Anyway, so I made it to level 18 by doing dailies and running quests up to and through Westfall.  When I completed Westfall and they sent me off to Redridge, I decided to head to Stormwind instead and try my hand at the dungeon finder.

I queued up as Healer and DPS, even though I knew full well that I was going to be plugged in as healing every single time due to the over abundance of DPS players.  The very first group I was thrust into was a perfect example of why playing a DPS stinks.  It was me as the healer, a paladin as tank and three warriors as DPS.  That’s right, three warriors had spec’d and gone into the queue as DPS only (has to be, because if they’d gone in as tanks, they’d be tanks and not all in the same group).  The only advantage here was that when the paladin had to leave, the warriors were actually able to tank and we kept playing until a new paladin showed up.  By the way, you’ll see a theme here in a minute.  The group lasted for a little while in the Wailing Caverns but then the paladin and two warriors disconnected, the other warrior and I wanted for a moment staring at the party portraits with disconnect lightning bolts for about five minutes then we both left the group.  During this time, the warrior and I talked, the most talking that had occurred the entire time, but sadly he plays on another server, so I’ll probably never see him again because I’m not about to give out my RealID to a random stranger.

The next group I had was in the Wailing Caverns again.  A paladin tank, warrior DPS, rogue DPS and a druid DPS.  Things were going along swimmingly, except I noticed that the other party members were leaving everything short of a green on the bodies.  If it wasn’t rolled on, it wasn’t looted.  Being a cash poor player, I started looting things, especially the occasional mana potion and beverage (to recover mana between fights).  The paladin said, “keep up”.  Which I did.  I continued looting, especially the quest items, and the paladin would randomly say, “keep up” or “go”.  Eventually I guess he got fed up with me because I was kicked from the group.  Now, keep in mind, at no point did anyone die, at no point did I miss a heal, at no point did they slow down (even the time or two when I told them I was out of mana), he simply didn’t like the fact that I was looting I guess.  Boot.  Oh well, can’t win ’em all, right?  Wait, I haven’t won any yet…  maybe next group.

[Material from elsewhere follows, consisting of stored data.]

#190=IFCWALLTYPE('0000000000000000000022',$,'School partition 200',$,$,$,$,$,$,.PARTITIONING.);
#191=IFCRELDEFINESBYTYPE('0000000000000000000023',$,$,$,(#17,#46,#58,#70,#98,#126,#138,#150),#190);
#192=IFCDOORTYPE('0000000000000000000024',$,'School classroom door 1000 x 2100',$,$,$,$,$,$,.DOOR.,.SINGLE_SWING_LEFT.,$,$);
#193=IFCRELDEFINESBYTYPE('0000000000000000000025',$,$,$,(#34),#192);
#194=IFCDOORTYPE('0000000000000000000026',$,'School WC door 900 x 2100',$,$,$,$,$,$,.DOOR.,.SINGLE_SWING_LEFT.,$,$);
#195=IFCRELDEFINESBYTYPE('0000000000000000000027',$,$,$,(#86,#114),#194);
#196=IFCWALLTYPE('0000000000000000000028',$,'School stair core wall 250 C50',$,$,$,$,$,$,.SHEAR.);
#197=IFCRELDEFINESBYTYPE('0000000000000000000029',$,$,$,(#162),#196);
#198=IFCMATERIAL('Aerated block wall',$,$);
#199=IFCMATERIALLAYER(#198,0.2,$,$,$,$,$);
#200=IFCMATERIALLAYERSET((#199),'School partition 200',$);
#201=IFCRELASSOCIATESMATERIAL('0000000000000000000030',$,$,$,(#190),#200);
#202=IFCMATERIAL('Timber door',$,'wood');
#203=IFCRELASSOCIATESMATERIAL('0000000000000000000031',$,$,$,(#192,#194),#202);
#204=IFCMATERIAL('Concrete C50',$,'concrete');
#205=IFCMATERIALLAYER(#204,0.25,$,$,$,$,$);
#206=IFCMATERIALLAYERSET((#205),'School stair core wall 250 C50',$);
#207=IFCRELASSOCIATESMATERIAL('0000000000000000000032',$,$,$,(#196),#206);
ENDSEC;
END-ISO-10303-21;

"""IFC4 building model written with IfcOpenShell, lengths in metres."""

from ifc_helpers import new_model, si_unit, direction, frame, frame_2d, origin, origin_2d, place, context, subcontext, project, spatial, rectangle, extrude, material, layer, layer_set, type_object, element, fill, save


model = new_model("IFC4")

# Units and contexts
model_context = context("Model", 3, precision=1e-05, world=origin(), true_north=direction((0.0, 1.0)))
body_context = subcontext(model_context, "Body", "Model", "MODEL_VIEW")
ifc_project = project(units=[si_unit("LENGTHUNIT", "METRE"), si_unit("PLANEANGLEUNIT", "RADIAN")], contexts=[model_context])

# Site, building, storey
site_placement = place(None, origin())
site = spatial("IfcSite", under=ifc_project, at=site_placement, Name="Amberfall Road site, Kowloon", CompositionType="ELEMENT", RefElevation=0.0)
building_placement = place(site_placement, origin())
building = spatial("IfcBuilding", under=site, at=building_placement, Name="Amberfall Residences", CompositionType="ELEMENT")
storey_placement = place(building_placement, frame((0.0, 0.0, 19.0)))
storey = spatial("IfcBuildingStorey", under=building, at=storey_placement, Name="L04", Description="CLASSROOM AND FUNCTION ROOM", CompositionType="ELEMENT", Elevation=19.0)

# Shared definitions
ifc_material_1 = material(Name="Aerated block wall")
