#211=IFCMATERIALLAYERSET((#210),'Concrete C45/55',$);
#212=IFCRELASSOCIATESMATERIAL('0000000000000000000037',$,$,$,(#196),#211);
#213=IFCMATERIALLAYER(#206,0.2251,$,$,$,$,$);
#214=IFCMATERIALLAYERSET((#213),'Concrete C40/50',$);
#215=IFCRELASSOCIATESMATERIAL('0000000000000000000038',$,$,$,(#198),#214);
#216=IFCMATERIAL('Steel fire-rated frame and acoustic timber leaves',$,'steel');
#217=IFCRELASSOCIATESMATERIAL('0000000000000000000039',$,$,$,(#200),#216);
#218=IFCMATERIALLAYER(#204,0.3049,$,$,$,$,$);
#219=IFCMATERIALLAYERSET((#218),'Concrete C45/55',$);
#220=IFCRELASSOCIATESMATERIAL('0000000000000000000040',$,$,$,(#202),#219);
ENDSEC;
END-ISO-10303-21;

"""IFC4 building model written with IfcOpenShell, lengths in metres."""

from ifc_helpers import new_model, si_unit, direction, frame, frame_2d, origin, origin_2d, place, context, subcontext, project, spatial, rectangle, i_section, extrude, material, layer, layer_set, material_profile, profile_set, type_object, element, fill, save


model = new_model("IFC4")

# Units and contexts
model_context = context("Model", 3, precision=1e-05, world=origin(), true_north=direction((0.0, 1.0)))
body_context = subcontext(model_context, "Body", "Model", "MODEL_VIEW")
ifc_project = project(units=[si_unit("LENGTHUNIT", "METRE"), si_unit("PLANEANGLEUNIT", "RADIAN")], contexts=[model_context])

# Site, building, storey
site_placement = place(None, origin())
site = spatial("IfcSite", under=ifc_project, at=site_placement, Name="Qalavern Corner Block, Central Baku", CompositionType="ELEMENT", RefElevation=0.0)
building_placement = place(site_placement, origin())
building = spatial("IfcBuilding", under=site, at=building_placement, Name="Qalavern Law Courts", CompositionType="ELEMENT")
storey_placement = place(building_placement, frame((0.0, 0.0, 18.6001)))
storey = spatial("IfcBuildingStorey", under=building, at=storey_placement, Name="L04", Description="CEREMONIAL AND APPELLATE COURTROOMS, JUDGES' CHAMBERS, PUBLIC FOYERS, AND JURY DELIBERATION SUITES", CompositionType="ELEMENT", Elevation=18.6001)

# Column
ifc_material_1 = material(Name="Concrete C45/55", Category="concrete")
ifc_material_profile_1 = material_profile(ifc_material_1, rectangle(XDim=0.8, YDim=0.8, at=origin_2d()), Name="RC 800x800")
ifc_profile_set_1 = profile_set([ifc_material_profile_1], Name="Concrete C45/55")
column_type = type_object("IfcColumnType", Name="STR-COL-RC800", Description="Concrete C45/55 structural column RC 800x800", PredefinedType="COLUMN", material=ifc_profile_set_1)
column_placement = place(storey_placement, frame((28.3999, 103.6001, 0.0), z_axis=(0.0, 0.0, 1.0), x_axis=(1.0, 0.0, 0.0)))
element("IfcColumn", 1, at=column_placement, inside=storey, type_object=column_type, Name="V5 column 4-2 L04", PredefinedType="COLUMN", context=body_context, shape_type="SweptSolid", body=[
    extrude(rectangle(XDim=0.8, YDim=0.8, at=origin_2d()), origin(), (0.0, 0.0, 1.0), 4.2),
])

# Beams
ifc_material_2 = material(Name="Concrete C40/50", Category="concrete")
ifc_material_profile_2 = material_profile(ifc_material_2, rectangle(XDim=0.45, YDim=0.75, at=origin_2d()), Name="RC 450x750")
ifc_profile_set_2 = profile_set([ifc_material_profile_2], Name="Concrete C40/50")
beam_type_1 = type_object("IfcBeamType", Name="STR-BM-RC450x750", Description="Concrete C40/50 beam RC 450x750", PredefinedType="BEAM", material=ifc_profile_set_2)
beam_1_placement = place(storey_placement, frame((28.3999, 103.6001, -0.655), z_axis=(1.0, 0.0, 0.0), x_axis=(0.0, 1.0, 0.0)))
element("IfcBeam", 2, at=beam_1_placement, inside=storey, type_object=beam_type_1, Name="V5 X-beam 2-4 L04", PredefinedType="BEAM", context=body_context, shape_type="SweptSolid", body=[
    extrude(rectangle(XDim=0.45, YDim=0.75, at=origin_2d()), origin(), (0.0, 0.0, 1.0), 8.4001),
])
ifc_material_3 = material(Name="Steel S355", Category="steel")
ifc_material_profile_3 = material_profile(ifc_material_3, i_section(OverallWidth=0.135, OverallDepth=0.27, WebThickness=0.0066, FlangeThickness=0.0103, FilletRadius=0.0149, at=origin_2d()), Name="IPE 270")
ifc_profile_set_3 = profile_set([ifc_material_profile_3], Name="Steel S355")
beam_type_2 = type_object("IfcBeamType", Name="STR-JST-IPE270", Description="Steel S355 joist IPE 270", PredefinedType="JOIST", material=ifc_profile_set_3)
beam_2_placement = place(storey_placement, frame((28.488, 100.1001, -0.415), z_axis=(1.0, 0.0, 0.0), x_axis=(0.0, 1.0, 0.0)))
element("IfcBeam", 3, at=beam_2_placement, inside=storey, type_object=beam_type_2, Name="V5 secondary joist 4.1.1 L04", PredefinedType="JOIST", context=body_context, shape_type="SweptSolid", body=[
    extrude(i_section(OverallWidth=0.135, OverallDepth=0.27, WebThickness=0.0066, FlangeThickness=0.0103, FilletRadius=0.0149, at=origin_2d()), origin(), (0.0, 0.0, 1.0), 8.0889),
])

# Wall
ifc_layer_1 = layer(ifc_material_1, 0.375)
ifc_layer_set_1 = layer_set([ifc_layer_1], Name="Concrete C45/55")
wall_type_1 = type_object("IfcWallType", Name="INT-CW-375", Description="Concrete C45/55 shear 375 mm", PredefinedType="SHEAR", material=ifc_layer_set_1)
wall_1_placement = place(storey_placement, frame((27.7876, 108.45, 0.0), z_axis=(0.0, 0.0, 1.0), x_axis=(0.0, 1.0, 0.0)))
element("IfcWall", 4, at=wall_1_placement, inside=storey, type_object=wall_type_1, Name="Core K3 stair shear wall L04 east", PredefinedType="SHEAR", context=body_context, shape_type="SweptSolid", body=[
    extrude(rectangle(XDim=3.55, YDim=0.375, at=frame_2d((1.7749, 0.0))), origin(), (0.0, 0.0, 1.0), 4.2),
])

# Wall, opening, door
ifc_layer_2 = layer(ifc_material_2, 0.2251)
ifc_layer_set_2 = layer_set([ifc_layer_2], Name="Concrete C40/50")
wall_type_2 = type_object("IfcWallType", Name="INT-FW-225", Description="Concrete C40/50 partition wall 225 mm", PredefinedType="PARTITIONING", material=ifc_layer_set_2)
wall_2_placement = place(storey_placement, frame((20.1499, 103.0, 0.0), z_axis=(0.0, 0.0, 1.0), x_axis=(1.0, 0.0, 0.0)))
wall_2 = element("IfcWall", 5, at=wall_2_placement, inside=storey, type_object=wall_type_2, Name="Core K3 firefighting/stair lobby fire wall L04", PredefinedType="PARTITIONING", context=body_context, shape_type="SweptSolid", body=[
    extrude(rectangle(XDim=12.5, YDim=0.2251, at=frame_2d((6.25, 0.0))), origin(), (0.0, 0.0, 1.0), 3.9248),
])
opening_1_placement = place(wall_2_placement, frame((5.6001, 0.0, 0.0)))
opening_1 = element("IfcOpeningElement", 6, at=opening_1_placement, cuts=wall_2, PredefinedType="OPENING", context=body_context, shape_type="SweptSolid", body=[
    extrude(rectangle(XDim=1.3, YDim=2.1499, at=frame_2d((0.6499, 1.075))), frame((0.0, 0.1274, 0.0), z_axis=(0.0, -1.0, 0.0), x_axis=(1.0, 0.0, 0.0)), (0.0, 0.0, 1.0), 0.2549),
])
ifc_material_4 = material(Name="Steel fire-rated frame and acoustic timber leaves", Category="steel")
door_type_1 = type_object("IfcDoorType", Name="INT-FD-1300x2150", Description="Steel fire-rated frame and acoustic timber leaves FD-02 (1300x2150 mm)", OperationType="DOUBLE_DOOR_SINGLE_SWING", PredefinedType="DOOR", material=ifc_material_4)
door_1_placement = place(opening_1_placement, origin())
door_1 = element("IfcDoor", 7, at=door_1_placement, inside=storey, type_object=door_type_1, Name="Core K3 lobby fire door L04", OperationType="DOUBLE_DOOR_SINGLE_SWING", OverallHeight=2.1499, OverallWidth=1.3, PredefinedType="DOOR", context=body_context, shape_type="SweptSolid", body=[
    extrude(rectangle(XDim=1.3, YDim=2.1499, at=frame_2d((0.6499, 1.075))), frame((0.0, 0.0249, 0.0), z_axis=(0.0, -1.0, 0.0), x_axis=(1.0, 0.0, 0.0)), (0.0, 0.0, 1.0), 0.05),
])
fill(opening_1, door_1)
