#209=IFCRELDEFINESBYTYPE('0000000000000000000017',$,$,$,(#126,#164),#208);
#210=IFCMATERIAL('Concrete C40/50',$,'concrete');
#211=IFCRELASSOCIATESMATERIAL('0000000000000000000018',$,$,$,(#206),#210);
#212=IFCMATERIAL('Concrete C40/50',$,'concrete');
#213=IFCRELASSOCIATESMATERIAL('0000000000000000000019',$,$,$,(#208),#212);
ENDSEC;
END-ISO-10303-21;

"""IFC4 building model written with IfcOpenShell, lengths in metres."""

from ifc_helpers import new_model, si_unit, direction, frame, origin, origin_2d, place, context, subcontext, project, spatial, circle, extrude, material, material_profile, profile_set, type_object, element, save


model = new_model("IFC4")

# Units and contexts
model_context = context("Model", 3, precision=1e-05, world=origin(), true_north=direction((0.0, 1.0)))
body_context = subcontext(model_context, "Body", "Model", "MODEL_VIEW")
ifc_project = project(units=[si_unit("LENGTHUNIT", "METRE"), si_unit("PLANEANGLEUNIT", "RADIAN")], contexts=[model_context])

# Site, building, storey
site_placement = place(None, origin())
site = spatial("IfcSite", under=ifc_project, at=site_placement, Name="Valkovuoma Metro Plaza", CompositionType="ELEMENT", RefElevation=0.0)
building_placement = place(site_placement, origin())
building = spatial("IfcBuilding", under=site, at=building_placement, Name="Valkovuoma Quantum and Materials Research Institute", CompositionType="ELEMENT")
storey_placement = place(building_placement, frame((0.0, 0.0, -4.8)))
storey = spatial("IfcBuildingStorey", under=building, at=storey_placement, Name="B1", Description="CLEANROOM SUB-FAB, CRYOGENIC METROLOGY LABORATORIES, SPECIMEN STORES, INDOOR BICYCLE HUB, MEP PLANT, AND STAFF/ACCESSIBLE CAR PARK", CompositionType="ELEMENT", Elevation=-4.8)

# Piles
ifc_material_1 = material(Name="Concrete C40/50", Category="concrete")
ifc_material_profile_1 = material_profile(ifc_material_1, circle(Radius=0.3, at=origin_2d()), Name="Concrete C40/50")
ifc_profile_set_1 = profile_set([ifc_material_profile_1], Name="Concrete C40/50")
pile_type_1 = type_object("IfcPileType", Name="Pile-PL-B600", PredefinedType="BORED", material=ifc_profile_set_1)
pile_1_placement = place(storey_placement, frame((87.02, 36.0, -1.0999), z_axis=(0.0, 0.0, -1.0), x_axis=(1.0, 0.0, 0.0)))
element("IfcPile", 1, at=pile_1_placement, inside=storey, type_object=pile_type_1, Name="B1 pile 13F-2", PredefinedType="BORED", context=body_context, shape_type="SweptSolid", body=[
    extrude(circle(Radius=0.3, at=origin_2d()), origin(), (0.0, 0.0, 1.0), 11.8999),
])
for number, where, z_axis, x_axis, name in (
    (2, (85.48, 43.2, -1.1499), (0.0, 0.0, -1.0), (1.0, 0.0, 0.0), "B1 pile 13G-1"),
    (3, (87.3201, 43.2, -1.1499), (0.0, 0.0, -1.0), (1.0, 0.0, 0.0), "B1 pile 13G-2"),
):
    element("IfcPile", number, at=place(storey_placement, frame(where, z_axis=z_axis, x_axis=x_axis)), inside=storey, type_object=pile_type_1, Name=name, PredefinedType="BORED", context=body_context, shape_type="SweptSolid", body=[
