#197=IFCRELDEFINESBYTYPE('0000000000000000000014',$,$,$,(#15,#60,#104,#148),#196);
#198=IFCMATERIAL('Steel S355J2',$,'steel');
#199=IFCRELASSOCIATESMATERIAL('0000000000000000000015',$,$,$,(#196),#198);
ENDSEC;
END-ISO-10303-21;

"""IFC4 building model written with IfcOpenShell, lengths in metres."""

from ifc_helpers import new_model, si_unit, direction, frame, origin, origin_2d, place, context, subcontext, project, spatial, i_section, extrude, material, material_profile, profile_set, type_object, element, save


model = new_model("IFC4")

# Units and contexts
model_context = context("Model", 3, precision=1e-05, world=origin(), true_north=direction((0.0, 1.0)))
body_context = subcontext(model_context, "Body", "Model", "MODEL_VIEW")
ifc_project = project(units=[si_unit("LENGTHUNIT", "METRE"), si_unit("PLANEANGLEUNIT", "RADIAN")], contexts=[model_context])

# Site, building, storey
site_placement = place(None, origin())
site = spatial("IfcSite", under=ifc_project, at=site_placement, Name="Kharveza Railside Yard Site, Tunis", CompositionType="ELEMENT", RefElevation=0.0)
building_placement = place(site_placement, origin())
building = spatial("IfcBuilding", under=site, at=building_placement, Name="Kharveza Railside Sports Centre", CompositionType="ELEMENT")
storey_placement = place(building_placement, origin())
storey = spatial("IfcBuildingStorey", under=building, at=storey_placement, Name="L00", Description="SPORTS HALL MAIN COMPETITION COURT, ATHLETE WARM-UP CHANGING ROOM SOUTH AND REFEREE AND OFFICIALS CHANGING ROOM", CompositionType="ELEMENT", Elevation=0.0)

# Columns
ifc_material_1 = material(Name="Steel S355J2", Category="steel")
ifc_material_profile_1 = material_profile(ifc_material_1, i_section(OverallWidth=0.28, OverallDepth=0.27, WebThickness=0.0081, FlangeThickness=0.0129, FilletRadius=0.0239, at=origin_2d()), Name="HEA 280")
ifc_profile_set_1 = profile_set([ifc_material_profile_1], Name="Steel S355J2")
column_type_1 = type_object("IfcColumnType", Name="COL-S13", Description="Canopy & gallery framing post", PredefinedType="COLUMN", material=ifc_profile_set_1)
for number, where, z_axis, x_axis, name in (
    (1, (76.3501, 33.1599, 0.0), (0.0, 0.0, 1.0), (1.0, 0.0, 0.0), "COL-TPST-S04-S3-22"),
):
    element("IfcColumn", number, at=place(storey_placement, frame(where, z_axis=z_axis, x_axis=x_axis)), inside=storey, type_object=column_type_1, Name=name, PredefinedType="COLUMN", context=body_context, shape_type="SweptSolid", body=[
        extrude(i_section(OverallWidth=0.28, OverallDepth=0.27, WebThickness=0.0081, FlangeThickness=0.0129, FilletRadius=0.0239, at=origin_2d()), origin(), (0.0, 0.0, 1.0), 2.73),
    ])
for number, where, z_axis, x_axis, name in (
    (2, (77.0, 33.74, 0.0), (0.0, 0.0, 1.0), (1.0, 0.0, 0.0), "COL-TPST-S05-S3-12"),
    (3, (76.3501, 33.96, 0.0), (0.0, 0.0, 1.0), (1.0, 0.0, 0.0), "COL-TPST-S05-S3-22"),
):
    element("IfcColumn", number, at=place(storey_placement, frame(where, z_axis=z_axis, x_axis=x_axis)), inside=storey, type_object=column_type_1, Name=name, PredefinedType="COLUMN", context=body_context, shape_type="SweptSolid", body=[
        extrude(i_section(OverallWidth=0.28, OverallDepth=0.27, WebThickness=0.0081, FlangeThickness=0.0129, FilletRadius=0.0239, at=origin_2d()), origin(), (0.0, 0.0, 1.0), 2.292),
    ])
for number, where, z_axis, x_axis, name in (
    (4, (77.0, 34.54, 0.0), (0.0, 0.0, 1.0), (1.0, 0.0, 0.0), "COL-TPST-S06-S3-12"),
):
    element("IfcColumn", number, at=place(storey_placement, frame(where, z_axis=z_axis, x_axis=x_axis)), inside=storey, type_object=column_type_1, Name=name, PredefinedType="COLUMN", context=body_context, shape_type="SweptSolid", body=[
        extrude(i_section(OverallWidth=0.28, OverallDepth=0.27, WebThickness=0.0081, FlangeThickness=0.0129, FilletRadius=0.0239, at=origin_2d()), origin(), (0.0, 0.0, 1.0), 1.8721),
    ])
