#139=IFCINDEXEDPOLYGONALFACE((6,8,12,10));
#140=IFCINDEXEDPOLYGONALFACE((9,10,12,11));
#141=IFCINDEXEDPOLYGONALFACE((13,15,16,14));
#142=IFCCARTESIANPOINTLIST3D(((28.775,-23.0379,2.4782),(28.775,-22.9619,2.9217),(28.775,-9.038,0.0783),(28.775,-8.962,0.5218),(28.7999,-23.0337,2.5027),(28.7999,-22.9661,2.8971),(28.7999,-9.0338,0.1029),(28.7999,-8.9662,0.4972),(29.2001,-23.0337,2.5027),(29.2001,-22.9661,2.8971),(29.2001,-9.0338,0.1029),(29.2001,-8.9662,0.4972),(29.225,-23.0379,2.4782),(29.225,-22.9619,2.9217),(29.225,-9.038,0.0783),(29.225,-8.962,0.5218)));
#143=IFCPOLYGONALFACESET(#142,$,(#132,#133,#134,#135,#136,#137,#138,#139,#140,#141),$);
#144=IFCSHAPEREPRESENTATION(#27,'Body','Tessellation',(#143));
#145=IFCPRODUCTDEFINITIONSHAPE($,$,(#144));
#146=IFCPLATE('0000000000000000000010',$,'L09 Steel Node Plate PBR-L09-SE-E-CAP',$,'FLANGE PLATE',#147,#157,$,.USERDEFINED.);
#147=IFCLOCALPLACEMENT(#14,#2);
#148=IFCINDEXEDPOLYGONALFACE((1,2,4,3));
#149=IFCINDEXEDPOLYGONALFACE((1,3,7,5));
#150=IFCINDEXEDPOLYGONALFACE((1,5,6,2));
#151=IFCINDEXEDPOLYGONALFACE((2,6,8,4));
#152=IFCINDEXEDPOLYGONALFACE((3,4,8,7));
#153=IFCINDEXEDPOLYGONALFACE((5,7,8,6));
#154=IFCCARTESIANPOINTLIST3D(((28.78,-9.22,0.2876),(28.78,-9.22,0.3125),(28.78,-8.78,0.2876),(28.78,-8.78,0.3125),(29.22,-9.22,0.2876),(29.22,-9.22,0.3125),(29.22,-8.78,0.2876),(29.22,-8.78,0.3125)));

So I queue up as healer and DPS again, and instantly I’m healer in another group.  Some castle with werewolves, I don’t recall the name.  We all grab the quest at the door, head in and fight the first boss who is literally right around the corner (okay, he’s around the corner, up some stairs, down a hall, and then down some stairs, but he’s really close).  While we fight, I take note of the group: paladin tank, warrior DPS, mage DPS, druid DPS.  The paladin, warrior and mage are all in the same guild.  We win!  Quest turn in!  Next quest!  “brb” says the paladin. “be back” says the mage. “afk” says the warrior.  The druid and I dance.  We tell some jokes.  We chat.  Around ten minutes later, no one is back yet.  They aren’t sitting down either, which means they are “active”, maybe chatting with the guild.  I try to get their attention.  The druid does too.  Eventually we give up and leave the group.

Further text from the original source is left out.